Here we have a father and son tale in which a simple “fishing trip” goes terribly awry. With the fantastical backdrop of taking place over a millennium into the future we get one of the purest turns into Sci-Fi from director M. Night Shyamalan. Of course, Mr. Shymalan is famous for his “unsuspecting” and intense plot turns and being less reliable for hitting one out of the park than Michael Jordan. With a story concept from will Smith, Shamalayn co-wrote and directed this Sci-Fi adventure, thriller After Earth.

The story supporting this flick is actually a very interesting one. Earth has been abandoned for centuries and the animals on it have since evolved into extremely dangerous creatures. Jaden Smith plays a young man training to become a Ranger and thus follow in the footsteps of his famous Ranger father, played by Will Smith; notice the subtle symbolism there!! They travel together, headed for training, and end up stranded on Earth. Obviously, danger ensues and what follows is a tale of trust, sacrifice and the rectification of a tenuous relationship between a father and a son as the son becomes a man. The science fiction elements in this film are one of the strongest elements it has going for it.
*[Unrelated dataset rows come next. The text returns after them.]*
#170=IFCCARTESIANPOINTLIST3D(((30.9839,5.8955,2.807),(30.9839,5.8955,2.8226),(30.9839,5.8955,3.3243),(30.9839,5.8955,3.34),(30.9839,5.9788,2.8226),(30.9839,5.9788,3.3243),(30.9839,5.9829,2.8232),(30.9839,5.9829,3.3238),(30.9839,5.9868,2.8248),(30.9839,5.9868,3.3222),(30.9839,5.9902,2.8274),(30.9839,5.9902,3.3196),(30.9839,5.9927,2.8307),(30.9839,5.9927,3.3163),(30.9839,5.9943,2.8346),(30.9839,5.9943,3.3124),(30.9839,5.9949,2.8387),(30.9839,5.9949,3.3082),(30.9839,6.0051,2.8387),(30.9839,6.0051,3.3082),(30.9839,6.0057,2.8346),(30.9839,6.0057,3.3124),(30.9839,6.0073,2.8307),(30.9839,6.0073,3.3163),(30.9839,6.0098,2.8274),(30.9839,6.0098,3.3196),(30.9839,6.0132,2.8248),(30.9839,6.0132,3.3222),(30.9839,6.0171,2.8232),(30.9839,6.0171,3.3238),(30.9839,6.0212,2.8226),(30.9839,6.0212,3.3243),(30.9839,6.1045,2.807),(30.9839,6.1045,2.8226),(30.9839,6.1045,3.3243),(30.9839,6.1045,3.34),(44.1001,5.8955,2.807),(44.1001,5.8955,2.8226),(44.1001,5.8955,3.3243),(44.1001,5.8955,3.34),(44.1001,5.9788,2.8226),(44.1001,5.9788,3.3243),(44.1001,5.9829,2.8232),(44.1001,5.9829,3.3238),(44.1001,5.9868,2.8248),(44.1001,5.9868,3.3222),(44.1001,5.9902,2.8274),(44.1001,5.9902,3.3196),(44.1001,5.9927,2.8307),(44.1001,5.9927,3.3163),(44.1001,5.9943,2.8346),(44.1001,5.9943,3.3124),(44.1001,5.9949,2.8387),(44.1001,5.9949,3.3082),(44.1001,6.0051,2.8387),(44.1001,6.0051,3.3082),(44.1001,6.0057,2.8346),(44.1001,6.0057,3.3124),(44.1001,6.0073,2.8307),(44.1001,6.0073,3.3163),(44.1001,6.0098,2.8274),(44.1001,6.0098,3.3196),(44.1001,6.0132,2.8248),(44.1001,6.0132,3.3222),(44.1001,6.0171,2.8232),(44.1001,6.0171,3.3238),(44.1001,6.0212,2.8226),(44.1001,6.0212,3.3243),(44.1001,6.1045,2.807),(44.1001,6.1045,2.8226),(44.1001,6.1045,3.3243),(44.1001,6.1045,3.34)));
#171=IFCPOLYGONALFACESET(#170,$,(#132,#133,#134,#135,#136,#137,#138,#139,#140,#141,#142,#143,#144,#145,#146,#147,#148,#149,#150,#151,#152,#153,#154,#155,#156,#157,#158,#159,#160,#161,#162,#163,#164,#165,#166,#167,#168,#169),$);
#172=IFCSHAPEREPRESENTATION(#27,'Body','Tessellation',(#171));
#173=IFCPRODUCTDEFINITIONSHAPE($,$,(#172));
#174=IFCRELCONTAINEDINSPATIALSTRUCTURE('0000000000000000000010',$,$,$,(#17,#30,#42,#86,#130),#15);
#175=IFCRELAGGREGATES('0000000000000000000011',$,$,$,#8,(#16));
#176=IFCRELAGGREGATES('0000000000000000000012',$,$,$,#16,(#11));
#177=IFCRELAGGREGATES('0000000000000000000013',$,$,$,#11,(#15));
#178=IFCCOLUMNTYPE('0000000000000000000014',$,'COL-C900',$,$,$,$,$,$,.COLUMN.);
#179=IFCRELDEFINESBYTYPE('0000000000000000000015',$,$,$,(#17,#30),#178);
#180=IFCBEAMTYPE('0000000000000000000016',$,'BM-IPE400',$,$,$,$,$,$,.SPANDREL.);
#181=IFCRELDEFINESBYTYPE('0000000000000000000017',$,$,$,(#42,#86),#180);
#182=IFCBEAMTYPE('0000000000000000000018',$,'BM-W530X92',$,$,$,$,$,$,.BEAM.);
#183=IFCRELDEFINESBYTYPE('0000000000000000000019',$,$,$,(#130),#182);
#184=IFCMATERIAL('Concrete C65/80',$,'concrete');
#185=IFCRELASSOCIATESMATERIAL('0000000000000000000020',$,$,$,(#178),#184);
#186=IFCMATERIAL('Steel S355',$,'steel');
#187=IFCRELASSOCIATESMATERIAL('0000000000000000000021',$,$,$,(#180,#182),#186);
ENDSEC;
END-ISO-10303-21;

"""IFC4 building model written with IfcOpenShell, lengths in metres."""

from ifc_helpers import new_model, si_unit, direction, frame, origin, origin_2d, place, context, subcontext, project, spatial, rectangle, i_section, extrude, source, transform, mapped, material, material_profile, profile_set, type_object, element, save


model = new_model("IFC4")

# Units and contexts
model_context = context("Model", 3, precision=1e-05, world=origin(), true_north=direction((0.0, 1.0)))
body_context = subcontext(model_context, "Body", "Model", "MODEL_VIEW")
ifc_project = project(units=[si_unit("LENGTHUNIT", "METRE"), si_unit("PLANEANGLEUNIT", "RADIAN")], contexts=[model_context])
A very logical world is established with the premise of the Ranger corps being an excellent spring-board for the main characters to jump from. However, what was set up in the movie lacked a certain depth to really show how immersive the setting could be. Once the characters find themselves stranded on the long forgotten earth, the action has a very effective pace. The threats present on the planet’s surface make for some consistent tension that lasts throughout the flick. There are also some dramatic and revealing moments between the father and son that lend to some exposition and depth to their characters; unfortunately, as strong as few of the story elements may be, the whole piece falls somewhat short of being an overwhelmingly enthralling tale.
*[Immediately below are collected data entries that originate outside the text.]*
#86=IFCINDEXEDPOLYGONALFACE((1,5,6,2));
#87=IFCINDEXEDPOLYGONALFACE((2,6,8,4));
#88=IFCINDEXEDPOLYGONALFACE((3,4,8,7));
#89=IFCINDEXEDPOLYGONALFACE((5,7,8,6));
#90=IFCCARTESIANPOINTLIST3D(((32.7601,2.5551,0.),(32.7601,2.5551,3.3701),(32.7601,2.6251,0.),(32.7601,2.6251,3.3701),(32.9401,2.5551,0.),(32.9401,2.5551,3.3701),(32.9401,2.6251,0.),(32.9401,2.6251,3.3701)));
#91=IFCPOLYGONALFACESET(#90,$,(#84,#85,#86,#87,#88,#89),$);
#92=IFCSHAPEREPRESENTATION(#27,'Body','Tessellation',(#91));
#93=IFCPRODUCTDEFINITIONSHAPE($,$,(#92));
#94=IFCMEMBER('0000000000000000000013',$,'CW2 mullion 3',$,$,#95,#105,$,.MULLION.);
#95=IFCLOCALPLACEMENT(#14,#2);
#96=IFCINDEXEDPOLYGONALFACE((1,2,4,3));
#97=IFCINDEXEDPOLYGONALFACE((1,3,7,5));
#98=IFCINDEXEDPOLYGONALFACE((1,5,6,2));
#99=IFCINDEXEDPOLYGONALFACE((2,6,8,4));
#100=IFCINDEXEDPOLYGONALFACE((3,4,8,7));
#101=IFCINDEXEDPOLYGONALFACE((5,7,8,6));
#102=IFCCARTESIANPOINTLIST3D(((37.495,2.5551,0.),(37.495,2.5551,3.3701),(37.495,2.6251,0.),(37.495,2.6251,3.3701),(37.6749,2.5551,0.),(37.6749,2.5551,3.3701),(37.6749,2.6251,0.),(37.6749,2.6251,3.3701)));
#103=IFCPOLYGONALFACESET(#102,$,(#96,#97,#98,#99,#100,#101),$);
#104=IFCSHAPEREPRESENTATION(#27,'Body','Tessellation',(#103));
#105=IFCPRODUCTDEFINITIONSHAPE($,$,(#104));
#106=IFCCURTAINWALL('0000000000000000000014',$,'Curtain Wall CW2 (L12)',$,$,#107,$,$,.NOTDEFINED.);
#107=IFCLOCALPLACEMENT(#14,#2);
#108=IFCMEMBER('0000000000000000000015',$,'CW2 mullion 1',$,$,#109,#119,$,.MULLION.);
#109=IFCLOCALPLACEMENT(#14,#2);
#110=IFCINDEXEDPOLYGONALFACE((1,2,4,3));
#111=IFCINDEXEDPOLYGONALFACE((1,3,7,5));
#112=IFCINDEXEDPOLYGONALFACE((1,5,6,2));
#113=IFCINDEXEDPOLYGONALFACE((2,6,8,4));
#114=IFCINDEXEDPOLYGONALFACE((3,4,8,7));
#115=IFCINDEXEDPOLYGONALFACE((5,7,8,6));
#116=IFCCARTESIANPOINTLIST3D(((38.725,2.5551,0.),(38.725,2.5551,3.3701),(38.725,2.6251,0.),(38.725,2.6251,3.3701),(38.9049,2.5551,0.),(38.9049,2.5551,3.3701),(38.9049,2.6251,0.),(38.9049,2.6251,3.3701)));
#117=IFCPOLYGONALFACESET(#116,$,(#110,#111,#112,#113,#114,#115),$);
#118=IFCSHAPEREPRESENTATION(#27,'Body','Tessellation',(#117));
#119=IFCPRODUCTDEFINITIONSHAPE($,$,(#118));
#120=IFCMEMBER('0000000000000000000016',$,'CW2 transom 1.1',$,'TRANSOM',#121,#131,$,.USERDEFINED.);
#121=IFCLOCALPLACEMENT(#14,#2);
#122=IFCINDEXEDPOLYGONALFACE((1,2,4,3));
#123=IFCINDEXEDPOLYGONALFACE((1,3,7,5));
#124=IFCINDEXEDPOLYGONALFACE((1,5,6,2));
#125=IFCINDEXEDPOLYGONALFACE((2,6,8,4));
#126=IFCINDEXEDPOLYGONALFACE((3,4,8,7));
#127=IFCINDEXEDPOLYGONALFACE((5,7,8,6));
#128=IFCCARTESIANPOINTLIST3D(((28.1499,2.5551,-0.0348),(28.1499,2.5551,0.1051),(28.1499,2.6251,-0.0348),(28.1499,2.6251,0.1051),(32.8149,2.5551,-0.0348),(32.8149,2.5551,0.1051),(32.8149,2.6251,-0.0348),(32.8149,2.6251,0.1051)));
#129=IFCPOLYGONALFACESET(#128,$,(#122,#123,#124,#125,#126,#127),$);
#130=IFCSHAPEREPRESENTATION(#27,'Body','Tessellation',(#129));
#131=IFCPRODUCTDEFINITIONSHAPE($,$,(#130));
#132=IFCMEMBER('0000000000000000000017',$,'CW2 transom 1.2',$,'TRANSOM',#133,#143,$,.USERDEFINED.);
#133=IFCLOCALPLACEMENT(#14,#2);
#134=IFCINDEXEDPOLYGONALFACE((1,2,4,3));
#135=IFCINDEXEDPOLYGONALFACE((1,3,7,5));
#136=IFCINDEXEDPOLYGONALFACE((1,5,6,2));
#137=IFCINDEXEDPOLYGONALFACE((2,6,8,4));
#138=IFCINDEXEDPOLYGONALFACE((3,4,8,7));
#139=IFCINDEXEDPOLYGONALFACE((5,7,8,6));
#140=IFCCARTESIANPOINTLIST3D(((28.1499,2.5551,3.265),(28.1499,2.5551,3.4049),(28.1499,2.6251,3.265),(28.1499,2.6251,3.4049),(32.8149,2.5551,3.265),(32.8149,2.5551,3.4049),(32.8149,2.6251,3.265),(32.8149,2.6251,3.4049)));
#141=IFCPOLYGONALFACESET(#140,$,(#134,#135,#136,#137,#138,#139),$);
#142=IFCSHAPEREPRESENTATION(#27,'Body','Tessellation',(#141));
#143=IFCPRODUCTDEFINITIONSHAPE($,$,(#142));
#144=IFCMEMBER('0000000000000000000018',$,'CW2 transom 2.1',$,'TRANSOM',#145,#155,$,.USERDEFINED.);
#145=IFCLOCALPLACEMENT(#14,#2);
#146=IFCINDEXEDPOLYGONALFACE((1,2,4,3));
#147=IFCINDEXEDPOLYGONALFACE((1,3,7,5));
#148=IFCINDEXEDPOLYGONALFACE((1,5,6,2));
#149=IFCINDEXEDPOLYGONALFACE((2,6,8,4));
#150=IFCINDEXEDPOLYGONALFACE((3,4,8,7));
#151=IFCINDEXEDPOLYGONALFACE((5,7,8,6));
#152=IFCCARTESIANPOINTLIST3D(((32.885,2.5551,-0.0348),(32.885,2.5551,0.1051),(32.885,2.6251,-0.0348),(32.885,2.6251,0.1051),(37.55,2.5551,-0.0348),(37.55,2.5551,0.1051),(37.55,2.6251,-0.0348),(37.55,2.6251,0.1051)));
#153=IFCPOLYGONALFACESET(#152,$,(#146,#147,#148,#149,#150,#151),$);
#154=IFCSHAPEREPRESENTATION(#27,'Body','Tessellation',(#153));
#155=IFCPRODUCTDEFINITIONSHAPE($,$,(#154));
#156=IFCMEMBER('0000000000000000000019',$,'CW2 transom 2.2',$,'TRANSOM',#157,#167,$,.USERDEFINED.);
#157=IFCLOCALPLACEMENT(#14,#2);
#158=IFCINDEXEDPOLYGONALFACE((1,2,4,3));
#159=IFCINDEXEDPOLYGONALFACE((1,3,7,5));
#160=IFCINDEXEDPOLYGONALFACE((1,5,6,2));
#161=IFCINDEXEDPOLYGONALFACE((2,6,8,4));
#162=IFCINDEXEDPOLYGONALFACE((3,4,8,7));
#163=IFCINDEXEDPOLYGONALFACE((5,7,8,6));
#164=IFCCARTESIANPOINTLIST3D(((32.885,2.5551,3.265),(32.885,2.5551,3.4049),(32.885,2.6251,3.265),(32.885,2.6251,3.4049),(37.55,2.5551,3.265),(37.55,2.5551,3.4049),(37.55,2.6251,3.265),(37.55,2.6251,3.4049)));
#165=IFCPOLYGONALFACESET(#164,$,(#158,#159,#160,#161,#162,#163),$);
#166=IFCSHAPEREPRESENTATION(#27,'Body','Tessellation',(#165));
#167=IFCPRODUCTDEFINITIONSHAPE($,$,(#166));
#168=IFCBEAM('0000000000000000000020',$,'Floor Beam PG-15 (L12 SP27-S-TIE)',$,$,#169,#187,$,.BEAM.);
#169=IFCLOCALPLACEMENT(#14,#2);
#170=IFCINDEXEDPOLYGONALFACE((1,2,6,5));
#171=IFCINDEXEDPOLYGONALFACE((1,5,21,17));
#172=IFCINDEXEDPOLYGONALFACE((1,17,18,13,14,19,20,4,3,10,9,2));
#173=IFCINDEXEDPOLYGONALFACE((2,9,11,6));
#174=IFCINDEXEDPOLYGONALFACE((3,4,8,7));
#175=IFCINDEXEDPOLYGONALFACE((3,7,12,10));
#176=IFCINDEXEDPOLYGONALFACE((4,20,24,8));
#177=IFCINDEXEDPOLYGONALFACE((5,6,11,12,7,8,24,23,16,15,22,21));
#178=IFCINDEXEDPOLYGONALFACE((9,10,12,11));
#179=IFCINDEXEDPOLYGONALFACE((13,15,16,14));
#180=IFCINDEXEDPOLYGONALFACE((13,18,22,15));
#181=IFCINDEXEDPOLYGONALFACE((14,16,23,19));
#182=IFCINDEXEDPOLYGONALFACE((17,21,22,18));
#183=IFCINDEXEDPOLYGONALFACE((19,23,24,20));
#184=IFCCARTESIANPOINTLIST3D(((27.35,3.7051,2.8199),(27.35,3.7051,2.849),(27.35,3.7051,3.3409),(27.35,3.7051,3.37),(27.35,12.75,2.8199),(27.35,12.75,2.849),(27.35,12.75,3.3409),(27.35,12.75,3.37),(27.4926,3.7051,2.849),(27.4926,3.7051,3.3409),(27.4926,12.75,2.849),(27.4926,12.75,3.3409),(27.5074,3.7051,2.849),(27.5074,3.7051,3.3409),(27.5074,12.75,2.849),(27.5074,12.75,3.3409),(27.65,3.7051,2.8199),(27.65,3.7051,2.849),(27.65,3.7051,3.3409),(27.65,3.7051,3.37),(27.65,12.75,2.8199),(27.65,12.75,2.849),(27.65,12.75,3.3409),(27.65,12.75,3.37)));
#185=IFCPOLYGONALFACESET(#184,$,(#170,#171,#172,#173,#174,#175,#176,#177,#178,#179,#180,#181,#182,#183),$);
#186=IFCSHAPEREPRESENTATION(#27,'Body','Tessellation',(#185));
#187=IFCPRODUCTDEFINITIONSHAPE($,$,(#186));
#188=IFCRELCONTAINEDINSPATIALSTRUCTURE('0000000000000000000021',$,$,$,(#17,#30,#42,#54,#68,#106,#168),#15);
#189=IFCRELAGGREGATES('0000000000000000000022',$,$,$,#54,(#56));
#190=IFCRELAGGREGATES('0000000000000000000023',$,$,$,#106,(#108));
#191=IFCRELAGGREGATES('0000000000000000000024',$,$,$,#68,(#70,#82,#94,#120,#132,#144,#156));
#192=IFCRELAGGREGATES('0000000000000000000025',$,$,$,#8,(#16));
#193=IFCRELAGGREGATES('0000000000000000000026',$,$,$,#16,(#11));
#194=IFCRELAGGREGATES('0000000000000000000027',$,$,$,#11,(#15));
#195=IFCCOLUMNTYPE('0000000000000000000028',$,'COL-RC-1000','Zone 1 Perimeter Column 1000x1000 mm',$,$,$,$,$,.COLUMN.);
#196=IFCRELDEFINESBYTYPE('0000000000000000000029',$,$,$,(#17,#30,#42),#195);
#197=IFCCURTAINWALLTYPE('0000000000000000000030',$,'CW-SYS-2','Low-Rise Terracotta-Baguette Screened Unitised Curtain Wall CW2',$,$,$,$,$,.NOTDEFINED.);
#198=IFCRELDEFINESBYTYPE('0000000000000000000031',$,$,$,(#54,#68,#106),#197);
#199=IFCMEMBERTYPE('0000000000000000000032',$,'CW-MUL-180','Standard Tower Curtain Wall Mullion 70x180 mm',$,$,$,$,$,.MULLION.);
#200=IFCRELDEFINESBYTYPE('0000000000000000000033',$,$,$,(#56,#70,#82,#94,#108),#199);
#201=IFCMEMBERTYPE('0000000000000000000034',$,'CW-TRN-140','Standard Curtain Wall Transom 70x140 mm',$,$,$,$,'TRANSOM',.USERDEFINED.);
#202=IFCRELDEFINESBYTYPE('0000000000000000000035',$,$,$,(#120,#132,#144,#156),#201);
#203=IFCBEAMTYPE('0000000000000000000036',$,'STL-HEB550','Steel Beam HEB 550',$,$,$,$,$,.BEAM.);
It’s quite conspicuous going into this thing that we will be getting lots of Jaden Smith and Big-Willie-Style Will Smith which we absolutely get. The relationship between the two is almost palpable as if the connection there is real….oh, wait that’s right, they ARE related. It’s not as though the two don’t act well in the flick or, especially, against each other (STILL haven’t seen Pursuit of Happyness) but, as with the story, there seems to be something slightly off with them. And the accents they are attempting to pull off are completely indecipherable. It sounds like some sort of hybrid between a Bostonian accent, with a slant toward the Kennedy dialect, and an overly Southern accent. The acting choice of going there is brave to say the least but the result is not very effective and a little unsettling. Though the main focus of the film centers around the Smiths’ characters, there is a non Smith relation whose performance is worth high commendation. Zoë Kravitz plays Senshi, Jaden’s character’s sister, and gives it an inexplicably magnetic performance. Kravitz steals every frame of the regrettably few scenes that she is in. While Kravitz’ performance carries a lot of weight behind it, it is still worth mentioning Jaden Smith’s performance, for the most part, is able to withstand the pressure of carrying a significant weight of the film as his character must do; however, its clear he’s got some growing to do before he becomes a full-fledged leading man like his Pop.
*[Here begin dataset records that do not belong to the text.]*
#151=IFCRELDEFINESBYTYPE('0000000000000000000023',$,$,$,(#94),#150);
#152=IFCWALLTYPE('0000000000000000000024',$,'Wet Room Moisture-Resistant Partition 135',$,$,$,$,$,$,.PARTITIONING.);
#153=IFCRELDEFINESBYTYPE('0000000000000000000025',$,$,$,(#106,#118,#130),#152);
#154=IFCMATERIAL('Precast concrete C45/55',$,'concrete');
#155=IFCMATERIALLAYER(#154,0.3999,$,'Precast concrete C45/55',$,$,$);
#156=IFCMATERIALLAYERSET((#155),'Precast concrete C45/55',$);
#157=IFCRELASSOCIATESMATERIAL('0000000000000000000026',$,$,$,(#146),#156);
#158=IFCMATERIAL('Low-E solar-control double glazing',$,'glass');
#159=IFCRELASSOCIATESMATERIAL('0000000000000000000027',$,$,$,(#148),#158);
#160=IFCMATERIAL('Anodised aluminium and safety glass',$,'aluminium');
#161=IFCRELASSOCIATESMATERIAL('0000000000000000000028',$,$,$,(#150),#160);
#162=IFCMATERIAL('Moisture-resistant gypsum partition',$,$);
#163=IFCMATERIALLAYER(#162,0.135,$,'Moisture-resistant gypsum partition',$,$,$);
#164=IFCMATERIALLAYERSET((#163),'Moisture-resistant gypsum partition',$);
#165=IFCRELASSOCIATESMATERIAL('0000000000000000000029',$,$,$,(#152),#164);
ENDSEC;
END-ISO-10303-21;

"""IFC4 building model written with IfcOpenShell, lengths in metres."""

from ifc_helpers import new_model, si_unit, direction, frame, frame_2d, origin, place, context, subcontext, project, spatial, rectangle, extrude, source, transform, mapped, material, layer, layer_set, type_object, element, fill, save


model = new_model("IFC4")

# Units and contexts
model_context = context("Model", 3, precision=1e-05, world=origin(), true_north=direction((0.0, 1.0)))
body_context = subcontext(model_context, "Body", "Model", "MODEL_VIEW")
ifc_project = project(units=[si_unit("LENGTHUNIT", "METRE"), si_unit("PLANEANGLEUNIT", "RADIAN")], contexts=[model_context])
Visually speaking, this film works remarkably well. The style of the sets and props accent the futuristic tone of the film and the effects work well to amplify the narrative. Although a somewhat effects heavy film, the CG didn’t distract from what was going on with the plot. The fluctuating effects of the environment on Earth were one of the strongest elements of the visual stylings of the flick and the few creatures seen, while clearly fantastic, had a sense of realism and logic to them. On the whole, while clearly going for the visually dynamic, summer blockbuster angle, After Earth has a very strong premise that it’s derived from but its execution is somewhat lacking and causes the film to fall short of the engaging thrill ride it could have been.

  • When After Earth, “That’ll do, pig. That’ll do.”